[edit]
An Agentic Approach to Phenotype Mapping from Rare Disease Surveys
Proceedings of the Fifth Machine Learning for Health Symposium, PMLR 297:1253-1268, 2026.
Abstract
Rare disease patients worldwide often experience years-long diagnostic delays, in part due to fragmented and unstructured phenotypic information. Patient-reported surveys provide valuable insights but are typically unstructured and hard to integrate with structured data. We present GenOMA (Geneial Ontology Mapping Agent), a Large Language Model ({LLM}) agent built on the LangGraph framework and integrated with a Unified Medical Language System ({UMLS}) {API} for precise extraction and ontology mapping of phenotypic terms. Using a modular, node-based architecture for context-aware extraction, iterative refinement, candidate ranking, and semantic validation, GenOMA maps data to standardized Human Phenotype Ontology ({HPO}) codes without local ontology deployment. We evaluate GenOMA on the question fields of three rare disease surveys, mapping them to {HPO} terms, and compare its performance with other leading methods.
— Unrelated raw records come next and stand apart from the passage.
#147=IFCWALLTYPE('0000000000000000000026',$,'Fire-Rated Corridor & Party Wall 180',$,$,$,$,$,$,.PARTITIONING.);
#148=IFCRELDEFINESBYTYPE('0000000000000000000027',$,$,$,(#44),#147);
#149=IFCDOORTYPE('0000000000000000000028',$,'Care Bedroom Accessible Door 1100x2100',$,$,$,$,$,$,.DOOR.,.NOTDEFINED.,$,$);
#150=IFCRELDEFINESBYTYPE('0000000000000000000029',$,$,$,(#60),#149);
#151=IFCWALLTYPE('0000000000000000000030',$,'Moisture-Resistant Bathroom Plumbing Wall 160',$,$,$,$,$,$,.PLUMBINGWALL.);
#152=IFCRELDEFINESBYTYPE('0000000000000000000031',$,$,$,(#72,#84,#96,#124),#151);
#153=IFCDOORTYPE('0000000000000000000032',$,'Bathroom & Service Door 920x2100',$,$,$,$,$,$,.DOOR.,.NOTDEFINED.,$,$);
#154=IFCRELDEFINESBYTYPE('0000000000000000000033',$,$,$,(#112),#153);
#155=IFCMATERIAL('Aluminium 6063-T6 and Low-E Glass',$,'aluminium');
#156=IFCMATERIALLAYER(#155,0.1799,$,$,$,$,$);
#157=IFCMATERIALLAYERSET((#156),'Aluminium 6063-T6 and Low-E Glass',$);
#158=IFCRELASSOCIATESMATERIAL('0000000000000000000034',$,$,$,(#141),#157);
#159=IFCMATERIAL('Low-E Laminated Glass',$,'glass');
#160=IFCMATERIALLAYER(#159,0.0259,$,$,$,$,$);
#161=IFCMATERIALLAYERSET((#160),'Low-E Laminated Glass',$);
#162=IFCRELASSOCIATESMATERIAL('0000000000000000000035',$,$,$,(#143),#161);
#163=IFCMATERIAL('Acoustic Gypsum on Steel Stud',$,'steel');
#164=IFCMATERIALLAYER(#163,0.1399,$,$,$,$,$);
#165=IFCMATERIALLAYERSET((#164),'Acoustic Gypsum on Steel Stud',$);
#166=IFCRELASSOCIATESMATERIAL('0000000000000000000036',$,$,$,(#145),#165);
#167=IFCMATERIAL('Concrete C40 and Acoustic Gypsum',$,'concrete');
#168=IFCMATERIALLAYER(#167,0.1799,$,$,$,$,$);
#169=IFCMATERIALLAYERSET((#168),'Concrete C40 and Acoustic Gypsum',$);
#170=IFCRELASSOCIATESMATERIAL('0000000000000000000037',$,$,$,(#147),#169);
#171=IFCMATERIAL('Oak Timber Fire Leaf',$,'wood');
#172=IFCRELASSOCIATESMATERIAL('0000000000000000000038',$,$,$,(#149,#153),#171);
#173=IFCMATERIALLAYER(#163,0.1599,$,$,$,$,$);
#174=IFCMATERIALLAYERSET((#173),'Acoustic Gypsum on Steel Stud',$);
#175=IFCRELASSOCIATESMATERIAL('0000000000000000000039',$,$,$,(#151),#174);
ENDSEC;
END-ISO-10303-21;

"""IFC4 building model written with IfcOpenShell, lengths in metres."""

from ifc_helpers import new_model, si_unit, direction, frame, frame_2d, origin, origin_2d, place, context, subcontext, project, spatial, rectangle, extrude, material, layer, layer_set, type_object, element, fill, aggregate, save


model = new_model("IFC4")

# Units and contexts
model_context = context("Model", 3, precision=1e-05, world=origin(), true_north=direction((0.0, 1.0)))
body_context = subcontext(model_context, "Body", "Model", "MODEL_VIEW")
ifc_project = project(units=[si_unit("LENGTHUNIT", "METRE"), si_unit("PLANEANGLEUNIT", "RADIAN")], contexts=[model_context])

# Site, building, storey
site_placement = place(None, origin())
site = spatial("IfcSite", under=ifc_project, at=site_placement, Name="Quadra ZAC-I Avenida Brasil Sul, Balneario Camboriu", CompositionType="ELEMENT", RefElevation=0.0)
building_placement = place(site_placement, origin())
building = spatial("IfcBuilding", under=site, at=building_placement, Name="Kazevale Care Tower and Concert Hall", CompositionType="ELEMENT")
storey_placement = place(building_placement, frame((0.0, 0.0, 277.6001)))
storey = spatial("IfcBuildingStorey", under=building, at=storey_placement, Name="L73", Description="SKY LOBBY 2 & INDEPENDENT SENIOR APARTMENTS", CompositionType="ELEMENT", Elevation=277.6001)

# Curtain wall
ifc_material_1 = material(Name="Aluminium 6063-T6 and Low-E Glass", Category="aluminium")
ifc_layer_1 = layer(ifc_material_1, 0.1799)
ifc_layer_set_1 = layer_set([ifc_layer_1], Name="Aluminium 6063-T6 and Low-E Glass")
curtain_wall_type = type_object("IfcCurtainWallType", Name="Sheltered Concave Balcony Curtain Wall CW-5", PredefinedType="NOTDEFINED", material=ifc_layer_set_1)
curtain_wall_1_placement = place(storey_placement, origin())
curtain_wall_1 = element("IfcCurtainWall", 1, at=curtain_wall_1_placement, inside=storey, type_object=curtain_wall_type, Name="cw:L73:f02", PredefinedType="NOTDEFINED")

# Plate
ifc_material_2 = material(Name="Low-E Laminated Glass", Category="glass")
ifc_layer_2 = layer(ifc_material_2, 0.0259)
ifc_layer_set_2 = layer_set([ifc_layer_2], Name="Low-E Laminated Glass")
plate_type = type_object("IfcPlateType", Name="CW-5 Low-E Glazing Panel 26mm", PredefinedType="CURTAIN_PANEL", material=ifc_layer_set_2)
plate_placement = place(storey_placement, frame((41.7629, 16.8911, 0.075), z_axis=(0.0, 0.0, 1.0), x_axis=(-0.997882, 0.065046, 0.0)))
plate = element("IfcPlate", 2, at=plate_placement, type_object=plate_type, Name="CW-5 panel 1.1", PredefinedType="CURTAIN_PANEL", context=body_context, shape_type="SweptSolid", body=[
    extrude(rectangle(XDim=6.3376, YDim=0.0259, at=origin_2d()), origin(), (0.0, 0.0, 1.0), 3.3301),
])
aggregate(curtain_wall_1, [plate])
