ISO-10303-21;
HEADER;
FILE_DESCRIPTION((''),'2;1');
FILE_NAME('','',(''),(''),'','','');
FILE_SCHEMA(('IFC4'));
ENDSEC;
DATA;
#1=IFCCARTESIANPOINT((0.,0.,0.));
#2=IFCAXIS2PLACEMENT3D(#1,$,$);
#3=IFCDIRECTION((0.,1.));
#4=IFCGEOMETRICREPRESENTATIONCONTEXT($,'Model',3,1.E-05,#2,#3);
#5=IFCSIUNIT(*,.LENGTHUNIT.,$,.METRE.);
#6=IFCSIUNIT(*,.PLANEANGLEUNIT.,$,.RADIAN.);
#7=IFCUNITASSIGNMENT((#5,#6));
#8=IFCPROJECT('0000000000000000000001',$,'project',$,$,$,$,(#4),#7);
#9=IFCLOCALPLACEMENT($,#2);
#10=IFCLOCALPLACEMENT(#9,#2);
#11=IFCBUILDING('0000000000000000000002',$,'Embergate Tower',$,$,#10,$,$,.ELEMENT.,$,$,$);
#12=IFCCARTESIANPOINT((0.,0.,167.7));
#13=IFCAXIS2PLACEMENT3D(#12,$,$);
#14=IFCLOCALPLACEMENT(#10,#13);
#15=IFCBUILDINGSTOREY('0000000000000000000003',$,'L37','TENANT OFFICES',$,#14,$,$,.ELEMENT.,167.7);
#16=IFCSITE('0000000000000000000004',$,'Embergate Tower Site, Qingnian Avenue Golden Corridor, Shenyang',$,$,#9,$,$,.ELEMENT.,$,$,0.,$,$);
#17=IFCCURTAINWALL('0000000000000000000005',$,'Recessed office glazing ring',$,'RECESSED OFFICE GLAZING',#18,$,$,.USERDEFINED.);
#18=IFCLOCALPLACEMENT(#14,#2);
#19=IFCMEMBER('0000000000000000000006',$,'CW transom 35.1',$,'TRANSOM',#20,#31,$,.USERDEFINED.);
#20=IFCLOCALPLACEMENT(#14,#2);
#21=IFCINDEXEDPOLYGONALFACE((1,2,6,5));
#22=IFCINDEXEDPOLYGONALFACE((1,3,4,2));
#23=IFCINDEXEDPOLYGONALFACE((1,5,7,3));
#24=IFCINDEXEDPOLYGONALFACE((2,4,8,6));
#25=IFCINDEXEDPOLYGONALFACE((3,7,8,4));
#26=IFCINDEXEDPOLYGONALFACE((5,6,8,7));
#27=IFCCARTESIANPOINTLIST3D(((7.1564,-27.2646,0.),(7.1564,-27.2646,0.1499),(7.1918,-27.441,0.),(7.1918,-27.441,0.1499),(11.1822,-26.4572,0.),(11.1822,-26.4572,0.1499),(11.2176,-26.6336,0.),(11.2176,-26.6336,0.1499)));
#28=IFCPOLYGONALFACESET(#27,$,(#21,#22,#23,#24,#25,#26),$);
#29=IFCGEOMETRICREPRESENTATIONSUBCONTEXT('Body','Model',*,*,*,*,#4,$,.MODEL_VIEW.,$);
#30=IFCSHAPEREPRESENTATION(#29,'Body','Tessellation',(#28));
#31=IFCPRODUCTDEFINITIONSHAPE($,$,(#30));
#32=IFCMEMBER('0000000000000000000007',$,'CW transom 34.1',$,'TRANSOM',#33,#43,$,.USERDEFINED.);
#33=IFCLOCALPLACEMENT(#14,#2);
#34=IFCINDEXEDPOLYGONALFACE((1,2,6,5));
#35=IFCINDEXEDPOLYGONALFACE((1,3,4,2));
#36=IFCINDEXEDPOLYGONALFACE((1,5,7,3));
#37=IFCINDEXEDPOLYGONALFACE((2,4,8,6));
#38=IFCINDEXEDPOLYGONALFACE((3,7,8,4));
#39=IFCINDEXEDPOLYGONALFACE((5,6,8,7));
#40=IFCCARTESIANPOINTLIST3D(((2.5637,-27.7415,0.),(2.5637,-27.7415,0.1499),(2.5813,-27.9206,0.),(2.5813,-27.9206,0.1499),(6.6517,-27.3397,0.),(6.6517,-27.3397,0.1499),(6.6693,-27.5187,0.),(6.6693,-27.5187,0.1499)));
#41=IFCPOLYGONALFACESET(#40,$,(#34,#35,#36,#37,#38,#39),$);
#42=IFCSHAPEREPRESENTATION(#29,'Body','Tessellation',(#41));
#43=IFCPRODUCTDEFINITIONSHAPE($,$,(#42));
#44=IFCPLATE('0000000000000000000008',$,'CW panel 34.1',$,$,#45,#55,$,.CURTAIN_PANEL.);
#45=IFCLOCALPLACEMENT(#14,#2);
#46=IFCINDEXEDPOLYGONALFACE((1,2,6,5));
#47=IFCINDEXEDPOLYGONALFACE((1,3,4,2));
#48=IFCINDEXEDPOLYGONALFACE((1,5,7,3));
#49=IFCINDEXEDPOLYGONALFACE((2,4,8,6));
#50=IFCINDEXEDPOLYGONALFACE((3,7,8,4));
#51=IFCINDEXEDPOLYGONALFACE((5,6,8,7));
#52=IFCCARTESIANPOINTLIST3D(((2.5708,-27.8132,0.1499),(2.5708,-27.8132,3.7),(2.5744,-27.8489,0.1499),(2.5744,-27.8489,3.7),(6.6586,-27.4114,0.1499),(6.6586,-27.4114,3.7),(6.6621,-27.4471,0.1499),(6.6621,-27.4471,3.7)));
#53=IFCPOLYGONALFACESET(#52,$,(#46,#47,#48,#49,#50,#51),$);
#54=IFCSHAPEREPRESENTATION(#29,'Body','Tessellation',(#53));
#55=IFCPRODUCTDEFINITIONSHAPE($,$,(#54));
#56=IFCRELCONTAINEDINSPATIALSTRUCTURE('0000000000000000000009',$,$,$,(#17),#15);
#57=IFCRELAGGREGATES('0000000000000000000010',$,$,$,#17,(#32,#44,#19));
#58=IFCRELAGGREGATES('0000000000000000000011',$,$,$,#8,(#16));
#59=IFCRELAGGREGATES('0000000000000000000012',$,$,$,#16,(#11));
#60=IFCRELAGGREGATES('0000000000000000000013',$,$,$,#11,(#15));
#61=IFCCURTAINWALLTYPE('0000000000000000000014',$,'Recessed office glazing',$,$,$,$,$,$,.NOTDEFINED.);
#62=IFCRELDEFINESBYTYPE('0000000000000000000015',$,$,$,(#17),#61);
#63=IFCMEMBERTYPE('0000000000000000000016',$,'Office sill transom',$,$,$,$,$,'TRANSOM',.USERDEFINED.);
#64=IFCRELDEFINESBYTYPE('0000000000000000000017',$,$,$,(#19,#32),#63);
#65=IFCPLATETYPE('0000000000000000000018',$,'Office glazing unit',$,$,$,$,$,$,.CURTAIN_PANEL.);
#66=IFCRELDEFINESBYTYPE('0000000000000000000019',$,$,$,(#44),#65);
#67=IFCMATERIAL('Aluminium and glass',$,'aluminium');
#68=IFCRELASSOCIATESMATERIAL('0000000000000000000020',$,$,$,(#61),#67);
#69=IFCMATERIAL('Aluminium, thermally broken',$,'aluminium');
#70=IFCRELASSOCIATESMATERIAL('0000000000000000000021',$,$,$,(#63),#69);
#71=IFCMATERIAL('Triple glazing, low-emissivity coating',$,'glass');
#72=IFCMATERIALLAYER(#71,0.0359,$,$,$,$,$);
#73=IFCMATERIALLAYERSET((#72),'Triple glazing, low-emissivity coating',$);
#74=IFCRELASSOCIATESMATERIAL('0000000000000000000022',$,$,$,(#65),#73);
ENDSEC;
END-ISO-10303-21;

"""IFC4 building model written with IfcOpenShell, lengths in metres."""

from ifc_helpers import new_model, si_unit, direction, frame, origin, origin_2d, place, context, subcontext, project, spatial, rectangle, extrude, source, transform, mapped, material, layer, layer_set, material_profile, profile_set, type_object, element, aggregate, save


model = new_model("IFC4")

# Units and contexts
model_context = context("Model", 3, precision=1e-05, world=origin(), true_north=direction((0.0, 1.0)))
body_context = subcontext(model_context, "Body", "Model", "MODEL_VIEW")
ifc_project = project(units=[si_unit("LENGTHUNIT", "METRE"), si_unit("PLANEANGLEUNIT", "RADIAN")], contexts=[model_context])

# Site, building, storey
site_placement = place(None, origin())
site = spatial("IfcSite", under=ifc_project, at=site_placement, Name="Embergate Tower Site, Qingnian Avenue Golden Corridor, Shenyang", CompositionType="ELEMENT", RefElevation=0.0)
building_placement = place(site_placement, origin())
building = spatial("IfcBuilding", under=site, at=building_placement, Name="Embergate Tower", CompositionType="ELEMENT")
storey_placement = place(building_placement, frame((0.0, 0.0, 167.7)))
storey = spatial("IfcBuildingStorey", under=building, at=storey_placement, Name="L37", Description="TENANT OFFICES", CompositionType="ELEMENT", Elevation=167.7)

# Curtain wall, members, plate
ifc_material_1 = material(Name="Aluminium and glass", Category="aluminium")
curtain_wall_type = type_object("IfcCurtainWallType", Name="Recessed office glazing", PredefinedType="NOTDEFINED", material=ifc_material_1)
curtain_wall_placement = place(storey_placement, origin())
curtain_wall = element("IfcCurtainWall", 1, at=curtain_wall_placement, inside=storey, type_object=curtain_wall_type, Name="Recessed office glazing ring", ObjectType="RECESSED OFFICE GLAZING", PredefinedType="USERDEFINED")
ifc_material_2 = material(Name="Aluminium, thermally broken", Category="aluminium")
ifc_material_profile_1 = material_profile(ifc_material_2, rectangle(XDim=0.1799, YDim=0.1499, at=origin_2d()), Name="AL 150x180")
ifc_profile_set_1 = profile_set([ifc_material_profile_1], Name="Aluminium, thermally broken")
member_type_1 = type_object("IfcMemberType", Name="Office sill transom", ElementType="TRANSOM", PredefinedType="USERDEFINED", material=ifc_profile_set_1)
shared_shape_1 = source(origin(), body_context, "Body", "SweptSolid", [
    extrude(rectangle(XDim=0.1799, YDim=0.1499, at=origin_2d()), origin(), (0.0, 0.0, 1.0), 4.106),
])
member_1_placement = place(storey_placement, frame((7.1741, -27.3528, 0.075), z_axis=(0.980478, 0.196631, 0.0), x_axis=(-0.196631, 0.980478, 0.0)))
member_1 = element("IfcMember", 2, at=member_1_placement, type_object=member_type_1, Name="CW transom 35.1", ObjectType="TRANSOM", PredefinedType="USERDEFINED", context=body_context, shape_type="MappedRepresentation", body=[
    mapped(shared_shape_1, transform((0.0, 0.0, 0.0))),
])
shared_shape_2 = source(origin(), body_context, "Body", "SweptSolid", [
    extrude(rectangle(XDim=0.1799, YDim=0.1499, at=origin_2d()), origin(), (0.0, 0.0, 1.0), 4.1077),
])
member_2_placement = place(storey_placement, frame((2.5725, -27.8311, 0.075), z_axis=(0.995203, 0.097832, 0.0), x_axis=(-0.097832, 0.995203, 0.0)))
member_2 = element("IfcMember", 3, at=member_2_placement, type_object=member_type_1, Name="CW transom 34.1", ObjectType="TRANSOM", PredefinedType="USERDEFINED", context=body_context, shape_type="MappedRepresentation", body=[
    mapped(shared_shape_2, transform((0.0, 0.0, 0.0))),
])
ifc_material_3 = material(Name="Triple glazing, low-emissivity coating", Category="glass")
ifc_layer = layer(ifc_material_3, 0.0359)
ifc_layer_set = layer_set([ifc_layer], Name="Triple glazing, low-emissivity coating")
plate_type = type_object("IfcPlateType", Name="Office glazing unit", PredefinedType="CURTAIN_PANEL", material=ifc_layer_set)
shared_shape_3 = source(origin(), body_context, "Body", "SweptSolid", [
    extrude(rectangle(XDim=4.1074, YDim=0.0359, at=origin_2d()), origin(), (0.0, 0.0, 1.0), 3.55),
])
plate_placement = place(storey_placement, frame((4.6165, -27.6301, 0.1499), z_axis=(0.0, 0.0, 1.0), x_axis=(0.995203, 0.09783, 0.0)))
plate = element("IfcPlate", 4, at=plate_placement, type_object=plate_type, Name="CW panel 34.1", PredefinedType="CURTAIN_PANEL", context=body_context, shape_type="MappedRepresentation", body=[
    mapped(shared_shape_3, transform((0.0, 0.0, 0.0))),
])
aggregate(curtain_wall, [member_2, plate, member_1])

save(model, "model.ifc")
On the Xia-Gibbs Syndrome ({XGS}) Registry, GenOMA achieved 0.92 accuracy, 0.94 precision, 0.97 recall, and 0.96 F1. On the Down Syndrome Phenotyping Acute Leukemia Study ({DS-PALS}) dataset, it obtained 0.92 accuracy, 0.93 precision, 0.98 recall, and 0.96 F1. Finally, on the GenomeConnect ({GC}) dataset, it obtained 0.91 accuracy, 0.91 precision, 1.0 recall, and 0.96 F1. In all tasks, GenOMA outperformed MetaMap, PhenoTagger, PhenoBERT, cTAKES, and {GPT-5}. These results show that GenOMA effectively converts unstructured survey data to structured phenotype information. To our knowledge, this is the first ontology mapping system specifically designed for patient-reported rare disease surveys, a critical but underexplored data modality.